Friday, May 17, 2013

Potential Financial Risks Following a Divorce

 Will you be able to keep up your standard of living?

The first few years following a divorce can be the toughest financially as you adjust to a new lifestyle and make adjustments for increased costs.

One report estimates that an individual would need 30 percent more in income after a divorce to continue the same standard of living as when he or she was married.

Assets Are Not Simply Split in Half

You shouldn't think that divorce will mean each spouse will get half of what you both own together.

The equation is a lot more complicated than simply splitting the financial assets and liabilities in half so that each spouse can get his or her half. The reality is that many things come into play that could affect your finances after a divorce. What comes into play depends a lot on how much each spouse earns or has the potential to earn, among other things.

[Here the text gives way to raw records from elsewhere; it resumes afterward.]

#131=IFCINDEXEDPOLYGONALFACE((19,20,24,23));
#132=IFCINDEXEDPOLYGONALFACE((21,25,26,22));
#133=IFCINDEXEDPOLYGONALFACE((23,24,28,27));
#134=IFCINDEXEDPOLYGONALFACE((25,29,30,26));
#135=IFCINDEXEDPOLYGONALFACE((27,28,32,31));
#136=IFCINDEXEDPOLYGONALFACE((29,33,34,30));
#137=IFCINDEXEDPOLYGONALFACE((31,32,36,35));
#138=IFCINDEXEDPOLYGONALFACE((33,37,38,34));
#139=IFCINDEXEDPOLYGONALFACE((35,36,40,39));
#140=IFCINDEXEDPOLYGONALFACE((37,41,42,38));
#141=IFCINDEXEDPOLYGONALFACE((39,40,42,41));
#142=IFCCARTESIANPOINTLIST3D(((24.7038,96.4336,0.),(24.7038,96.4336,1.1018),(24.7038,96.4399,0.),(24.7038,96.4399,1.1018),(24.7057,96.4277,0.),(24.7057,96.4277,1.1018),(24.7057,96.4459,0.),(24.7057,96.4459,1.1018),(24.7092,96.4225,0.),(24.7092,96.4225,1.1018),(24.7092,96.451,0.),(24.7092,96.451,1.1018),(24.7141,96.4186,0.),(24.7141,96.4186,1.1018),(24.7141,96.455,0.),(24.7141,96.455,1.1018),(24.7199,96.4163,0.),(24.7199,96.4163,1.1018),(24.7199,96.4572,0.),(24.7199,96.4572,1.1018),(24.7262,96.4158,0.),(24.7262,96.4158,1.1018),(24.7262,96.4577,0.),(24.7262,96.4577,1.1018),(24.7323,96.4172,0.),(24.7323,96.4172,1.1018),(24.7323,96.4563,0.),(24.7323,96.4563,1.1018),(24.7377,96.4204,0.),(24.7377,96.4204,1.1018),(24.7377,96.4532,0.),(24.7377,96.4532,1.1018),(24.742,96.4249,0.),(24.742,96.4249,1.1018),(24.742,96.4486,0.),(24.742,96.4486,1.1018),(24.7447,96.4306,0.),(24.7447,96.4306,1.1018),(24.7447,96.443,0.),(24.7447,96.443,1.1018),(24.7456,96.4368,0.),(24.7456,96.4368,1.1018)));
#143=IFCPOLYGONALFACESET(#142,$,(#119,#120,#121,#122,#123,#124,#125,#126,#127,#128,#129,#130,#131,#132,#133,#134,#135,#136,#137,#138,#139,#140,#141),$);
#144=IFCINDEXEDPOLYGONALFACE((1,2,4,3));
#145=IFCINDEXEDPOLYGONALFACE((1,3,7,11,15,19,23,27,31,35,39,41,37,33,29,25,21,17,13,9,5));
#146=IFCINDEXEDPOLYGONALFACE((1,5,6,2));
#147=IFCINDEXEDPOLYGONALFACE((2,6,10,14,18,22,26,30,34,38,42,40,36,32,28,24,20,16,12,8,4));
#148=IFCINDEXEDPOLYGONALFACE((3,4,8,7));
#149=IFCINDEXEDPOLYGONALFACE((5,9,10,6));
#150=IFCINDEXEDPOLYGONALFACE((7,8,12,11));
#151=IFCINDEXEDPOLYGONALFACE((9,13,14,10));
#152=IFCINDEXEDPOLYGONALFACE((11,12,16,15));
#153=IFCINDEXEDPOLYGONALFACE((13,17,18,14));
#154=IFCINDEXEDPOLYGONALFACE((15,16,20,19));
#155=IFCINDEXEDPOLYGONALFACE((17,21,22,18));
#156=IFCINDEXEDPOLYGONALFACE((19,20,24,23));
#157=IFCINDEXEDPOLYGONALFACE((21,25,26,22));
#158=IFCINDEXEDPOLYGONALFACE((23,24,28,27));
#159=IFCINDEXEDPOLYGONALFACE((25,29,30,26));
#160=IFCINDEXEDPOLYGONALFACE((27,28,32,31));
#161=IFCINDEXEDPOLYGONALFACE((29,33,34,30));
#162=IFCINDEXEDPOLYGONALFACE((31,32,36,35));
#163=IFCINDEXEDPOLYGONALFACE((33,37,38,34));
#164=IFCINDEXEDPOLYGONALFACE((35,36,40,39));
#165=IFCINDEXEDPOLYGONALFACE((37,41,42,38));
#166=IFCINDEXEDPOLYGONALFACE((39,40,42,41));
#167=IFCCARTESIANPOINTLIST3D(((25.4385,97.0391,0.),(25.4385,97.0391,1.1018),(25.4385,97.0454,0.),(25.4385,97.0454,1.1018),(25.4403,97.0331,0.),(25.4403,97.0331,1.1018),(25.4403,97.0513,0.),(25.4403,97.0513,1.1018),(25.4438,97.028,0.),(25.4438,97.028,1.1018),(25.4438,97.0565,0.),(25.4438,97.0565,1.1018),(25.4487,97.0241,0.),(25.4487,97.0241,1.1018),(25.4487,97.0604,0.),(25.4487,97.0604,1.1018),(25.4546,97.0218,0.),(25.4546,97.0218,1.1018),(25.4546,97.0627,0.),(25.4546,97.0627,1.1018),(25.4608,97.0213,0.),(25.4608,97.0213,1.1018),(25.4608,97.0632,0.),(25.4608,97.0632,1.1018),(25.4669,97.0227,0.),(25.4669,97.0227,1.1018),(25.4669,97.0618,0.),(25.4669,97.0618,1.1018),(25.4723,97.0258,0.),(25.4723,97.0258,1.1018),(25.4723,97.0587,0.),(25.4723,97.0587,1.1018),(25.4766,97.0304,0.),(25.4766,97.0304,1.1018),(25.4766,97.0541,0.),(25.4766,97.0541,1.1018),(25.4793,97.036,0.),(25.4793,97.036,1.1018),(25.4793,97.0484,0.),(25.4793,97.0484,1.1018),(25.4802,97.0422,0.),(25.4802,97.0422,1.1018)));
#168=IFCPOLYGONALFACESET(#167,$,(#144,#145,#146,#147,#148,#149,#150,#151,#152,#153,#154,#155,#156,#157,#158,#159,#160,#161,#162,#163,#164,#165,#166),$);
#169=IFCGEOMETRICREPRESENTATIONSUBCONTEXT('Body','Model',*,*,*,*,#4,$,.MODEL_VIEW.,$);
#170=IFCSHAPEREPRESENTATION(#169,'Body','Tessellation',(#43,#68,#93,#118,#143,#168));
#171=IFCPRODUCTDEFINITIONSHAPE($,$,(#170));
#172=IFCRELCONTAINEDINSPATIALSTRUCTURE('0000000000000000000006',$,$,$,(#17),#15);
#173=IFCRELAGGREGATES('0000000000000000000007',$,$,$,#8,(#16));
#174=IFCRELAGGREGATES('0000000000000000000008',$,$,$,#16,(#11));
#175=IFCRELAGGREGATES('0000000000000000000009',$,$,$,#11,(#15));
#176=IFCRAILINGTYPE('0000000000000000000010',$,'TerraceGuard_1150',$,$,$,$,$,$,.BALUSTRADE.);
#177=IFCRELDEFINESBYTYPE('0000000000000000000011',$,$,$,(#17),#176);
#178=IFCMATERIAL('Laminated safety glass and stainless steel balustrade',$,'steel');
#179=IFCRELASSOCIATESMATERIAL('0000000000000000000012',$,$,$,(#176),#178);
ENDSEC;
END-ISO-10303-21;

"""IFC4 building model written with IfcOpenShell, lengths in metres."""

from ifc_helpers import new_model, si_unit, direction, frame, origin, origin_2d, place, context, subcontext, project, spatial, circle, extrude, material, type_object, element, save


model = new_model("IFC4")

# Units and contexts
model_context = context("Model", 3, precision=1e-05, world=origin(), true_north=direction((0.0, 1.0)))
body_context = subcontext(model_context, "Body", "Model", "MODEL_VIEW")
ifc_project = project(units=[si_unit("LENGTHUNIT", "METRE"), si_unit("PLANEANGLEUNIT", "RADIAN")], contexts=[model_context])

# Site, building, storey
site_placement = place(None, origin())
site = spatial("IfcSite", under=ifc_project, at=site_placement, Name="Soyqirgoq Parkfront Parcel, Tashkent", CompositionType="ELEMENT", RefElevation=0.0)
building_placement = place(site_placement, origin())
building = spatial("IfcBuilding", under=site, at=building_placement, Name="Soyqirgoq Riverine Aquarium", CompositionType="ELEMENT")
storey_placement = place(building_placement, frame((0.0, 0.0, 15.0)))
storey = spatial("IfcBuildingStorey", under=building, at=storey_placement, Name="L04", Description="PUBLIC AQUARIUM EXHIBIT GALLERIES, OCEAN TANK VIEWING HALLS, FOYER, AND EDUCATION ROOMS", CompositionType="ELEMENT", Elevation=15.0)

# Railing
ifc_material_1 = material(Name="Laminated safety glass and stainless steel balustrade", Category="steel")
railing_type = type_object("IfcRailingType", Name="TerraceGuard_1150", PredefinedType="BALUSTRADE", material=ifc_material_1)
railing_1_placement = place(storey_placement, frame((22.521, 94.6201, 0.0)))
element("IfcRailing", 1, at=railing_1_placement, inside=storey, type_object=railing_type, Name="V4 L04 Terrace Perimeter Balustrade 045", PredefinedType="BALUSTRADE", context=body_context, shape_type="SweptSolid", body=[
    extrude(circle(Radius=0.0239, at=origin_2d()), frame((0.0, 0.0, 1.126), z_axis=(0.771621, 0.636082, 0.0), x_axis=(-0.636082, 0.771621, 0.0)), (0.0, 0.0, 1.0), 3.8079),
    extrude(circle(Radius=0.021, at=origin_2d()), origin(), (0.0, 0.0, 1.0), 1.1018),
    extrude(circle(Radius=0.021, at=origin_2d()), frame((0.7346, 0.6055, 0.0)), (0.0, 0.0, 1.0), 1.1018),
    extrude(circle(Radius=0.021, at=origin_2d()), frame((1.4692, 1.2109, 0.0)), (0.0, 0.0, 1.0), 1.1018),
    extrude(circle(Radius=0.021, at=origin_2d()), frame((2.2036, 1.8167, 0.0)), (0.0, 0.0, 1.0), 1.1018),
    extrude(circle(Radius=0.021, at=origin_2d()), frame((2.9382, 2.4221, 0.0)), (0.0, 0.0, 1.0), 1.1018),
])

The statistics about the potential financial ramifications of divorce are sobering. They don’t paint a pretty picture, but advance planning in consultation with your divorce attorney can help you be better prepared.

Things to consider: 

Here are some things that could affect your financial picture after a divorce:
  • New rental or mortgage payment.
  • How much is left on your mortgage if you keep your former home.
  • How much your home is worth if you plan on selling it.
  • Upkeep costs of maintaining property you formerly owned jointly.
  • New alimony or child support payments that may not cover all expenses.
  • Cost of increased childcare since you won’t be able to rely on your spouse to help care for your children.
  • Transportation. Do you have a car or do you need to buy one?
  • Do you have enough furnishings or will you need to buy new ones?
  • Do you have health insurance or will you need to get a job that provides one?
  • Can you get a job that provides health insurance?
  • Do you have a good credit history? If not, this could affect everything from the kind of mortgage or rental you will be able to get to what kind of job you get.
  • Have you kept up with your job skills or will you need to pay for education/training costs to update your skills in order to get a job?

The above is by no means a complete list. Unfortunately, one of the harshest realities following a divorce is a radically different financial situation. Are you ready for that?